Really? I found it fairly easy to type out full equations in LaTeX using LyX.
Maybe the laptop isn't the problem, but that you only introduce your students
to the most basic of word processors.

------
Htsthbjig
How about teaching students not to distract themselves?

I am serious about it. Students are going to live and work with Internet and
all distractions. They need this ability that like others it is learned and
nurtured.

I mean, something like this: [http://www.lynda.com/Business-Business-Skills-
tutorials/Gett...](http://www.lynda.com/Business-Business-Skills-
tutorials/Getting-Things-Done/170776-2.html)

There are lots of good programs out there. Today this knowledge is as
important as Mathematics. Probably more important for some people.

I have studied a lot in order to be able to work productively from home. It is
very easy once you know lots of little things.

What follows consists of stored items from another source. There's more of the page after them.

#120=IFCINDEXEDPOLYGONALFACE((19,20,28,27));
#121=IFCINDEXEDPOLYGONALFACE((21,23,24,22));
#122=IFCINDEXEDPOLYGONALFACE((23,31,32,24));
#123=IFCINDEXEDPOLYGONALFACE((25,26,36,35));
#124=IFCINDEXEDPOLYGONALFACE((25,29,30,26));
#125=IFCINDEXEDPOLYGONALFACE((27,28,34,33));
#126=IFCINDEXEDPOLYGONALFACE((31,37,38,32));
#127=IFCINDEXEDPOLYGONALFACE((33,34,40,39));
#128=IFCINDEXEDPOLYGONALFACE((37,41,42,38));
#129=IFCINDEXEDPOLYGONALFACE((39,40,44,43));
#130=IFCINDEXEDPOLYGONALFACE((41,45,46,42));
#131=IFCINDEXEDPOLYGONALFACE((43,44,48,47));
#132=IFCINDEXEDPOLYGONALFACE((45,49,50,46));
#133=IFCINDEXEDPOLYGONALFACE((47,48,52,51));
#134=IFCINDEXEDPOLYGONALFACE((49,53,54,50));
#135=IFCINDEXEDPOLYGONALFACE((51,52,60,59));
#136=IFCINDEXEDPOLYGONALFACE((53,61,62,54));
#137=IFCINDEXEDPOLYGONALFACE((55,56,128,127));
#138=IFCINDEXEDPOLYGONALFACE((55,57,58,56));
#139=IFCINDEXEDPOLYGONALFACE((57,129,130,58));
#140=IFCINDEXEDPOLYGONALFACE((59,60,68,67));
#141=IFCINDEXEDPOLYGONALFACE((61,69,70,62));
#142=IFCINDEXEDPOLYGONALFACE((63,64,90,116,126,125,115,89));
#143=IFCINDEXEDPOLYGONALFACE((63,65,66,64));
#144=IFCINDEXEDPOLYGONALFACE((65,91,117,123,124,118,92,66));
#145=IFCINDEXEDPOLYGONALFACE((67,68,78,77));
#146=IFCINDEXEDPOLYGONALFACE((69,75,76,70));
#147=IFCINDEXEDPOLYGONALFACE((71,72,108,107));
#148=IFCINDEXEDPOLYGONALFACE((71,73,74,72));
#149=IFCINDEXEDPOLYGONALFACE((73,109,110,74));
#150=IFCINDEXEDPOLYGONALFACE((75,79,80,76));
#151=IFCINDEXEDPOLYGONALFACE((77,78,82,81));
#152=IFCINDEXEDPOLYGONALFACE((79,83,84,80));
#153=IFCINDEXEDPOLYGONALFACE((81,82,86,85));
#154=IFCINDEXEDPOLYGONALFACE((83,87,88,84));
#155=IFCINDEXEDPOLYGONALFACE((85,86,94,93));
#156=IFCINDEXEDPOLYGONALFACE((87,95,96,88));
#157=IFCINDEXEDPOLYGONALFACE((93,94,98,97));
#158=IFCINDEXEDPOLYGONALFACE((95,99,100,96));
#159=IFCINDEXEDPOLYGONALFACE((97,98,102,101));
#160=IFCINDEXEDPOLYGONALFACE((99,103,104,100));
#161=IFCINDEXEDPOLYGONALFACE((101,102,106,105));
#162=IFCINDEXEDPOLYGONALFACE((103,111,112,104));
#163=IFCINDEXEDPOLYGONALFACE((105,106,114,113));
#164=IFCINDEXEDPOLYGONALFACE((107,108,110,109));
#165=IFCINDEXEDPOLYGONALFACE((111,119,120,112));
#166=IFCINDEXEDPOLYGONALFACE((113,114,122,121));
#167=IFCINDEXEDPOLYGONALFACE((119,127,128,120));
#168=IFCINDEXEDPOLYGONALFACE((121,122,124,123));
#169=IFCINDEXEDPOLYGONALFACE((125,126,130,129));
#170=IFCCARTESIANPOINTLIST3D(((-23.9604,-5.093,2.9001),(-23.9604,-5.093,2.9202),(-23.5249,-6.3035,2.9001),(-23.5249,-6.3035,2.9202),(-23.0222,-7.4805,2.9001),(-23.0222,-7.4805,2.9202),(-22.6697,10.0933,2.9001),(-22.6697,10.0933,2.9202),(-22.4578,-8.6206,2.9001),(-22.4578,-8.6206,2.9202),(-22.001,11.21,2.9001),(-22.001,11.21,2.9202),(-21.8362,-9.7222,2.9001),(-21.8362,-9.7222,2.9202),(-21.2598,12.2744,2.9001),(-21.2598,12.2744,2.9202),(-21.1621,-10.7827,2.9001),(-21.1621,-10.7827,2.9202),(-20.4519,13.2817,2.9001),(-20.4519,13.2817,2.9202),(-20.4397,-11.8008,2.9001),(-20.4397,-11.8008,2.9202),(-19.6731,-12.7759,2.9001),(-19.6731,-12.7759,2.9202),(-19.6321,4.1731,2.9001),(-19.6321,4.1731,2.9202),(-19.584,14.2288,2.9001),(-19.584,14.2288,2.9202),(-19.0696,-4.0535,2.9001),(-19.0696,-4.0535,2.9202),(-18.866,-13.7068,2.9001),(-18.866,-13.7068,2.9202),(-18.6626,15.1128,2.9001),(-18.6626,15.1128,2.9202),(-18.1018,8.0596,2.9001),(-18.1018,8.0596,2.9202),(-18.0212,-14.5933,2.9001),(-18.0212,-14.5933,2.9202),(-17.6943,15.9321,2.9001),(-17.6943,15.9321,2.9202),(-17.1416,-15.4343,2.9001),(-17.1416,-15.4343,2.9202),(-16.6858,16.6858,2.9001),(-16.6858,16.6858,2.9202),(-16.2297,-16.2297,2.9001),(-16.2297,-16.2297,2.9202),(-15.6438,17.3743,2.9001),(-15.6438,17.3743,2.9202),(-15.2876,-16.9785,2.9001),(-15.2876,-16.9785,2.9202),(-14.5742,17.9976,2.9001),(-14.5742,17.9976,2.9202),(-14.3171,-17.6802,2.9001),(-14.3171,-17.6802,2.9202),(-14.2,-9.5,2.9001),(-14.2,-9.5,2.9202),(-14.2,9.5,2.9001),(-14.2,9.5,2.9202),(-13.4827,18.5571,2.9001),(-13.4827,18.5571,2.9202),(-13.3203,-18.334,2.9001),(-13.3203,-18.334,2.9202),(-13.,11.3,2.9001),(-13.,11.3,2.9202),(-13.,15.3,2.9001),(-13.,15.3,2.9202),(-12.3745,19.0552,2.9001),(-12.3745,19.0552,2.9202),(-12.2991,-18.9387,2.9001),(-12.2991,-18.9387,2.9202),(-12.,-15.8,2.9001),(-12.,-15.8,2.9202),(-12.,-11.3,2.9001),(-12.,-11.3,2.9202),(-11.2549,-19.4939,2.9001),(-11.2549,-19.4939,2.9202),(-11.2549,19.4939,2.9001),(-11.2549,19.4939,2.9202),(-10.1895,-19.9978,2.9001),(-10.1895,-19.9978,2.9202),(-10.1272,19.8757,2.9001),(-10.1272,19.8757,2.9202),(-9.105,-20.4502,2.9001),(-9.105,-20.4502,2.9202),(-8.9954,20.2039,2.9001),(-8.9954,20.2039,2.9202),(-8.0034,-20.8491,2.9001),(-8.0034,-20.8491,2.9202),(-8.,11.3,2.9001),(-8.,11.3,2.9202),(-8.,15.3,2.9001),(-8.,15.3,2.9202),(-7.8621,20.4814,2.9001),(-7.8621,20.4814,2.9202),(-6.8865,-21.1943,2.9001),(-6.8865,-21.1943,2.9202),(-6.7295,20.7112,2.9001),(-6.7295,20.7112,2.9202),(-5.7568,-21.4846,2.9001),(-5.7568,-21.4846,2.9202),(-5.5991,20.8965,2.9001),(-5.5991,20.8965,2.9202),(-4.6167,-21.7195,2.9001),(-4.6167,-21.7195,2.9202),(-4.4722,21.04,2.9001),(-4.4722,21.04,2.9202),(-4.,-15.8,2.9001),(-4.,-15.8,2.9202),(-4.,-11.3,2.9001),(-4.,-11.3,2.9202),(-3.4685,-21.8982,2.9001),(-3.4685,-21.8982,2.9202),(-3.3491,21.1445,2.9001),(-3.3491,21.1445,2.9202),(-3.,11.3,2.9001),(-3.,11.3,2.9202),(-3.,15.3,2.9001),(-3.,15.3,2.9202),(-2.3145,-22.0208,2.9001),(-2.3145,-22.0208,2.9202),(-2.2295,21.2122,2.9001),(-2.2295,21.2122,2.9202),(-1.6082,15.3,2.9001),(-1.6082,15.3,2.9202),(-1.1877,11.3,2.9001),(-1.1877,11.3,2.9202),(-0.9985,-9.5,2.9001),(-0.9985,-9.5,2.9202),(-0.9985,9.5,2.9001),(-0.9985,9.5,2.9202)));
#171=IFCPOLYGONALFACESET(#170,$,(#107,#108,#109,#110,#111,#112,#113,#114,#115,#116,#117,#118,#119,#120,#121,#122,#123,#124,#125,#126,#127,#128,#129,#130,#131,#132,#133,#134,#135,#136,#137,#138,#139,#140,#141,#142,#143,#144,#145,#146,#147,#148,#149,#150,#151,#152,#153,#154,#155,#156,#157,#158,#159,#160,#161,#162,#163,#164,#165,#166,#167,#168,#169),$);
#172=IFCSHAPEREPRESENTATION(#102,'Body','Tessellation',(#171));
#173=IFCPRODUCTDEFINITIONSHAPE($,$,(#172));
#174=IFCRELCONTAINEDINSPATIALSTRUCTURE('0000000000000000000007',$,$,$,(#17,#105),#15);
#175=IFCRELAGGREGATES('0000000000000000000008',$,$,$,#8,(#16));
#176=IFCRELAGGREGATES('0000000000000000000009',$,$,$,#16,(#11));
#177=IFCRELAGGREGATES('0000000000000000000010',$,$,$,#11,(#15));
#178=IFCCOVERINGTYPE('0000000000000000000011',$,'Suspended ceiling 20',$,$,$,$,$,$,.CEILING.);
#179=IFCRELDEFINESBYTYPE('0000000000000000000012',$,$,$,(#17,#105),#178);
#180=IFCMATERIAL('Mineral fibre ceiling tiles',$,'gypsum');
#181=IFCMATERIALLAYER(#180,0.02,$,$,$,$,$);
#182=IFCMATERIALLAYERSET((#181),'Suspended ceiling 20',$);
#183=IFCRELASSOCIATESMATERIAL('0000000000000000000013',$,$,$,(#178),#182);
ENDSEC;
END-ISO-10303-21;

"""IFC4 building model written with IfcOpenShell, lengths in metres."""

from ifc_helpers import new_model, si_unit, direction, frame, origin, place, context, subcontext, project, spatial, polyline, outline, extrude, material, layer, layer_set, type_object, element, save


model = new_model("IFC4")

I could scientifically proof to any person how much she destroys her
productivity just multitasking, using very simple things, like video
cameras(which everybody has in her phone) and paper, because I have studied
the psychology that fools ourselves into believing we could watch facebook and
a lecture at the same time.

In my experience teaching people this works wonders. Without it, they are
lost. They want something(get good grades, work with less effort), but they
don't know how to do it.

About a programming class without computers, I will fire the teacher whose
idea is banning laptops instantly. I am engineer and program computers for a
living, with experience teaching people. They are incompetent if they can't
control students with computers. If they are so boring the students prefer to
browse Internet in class, then the problem is the teacher, not the student.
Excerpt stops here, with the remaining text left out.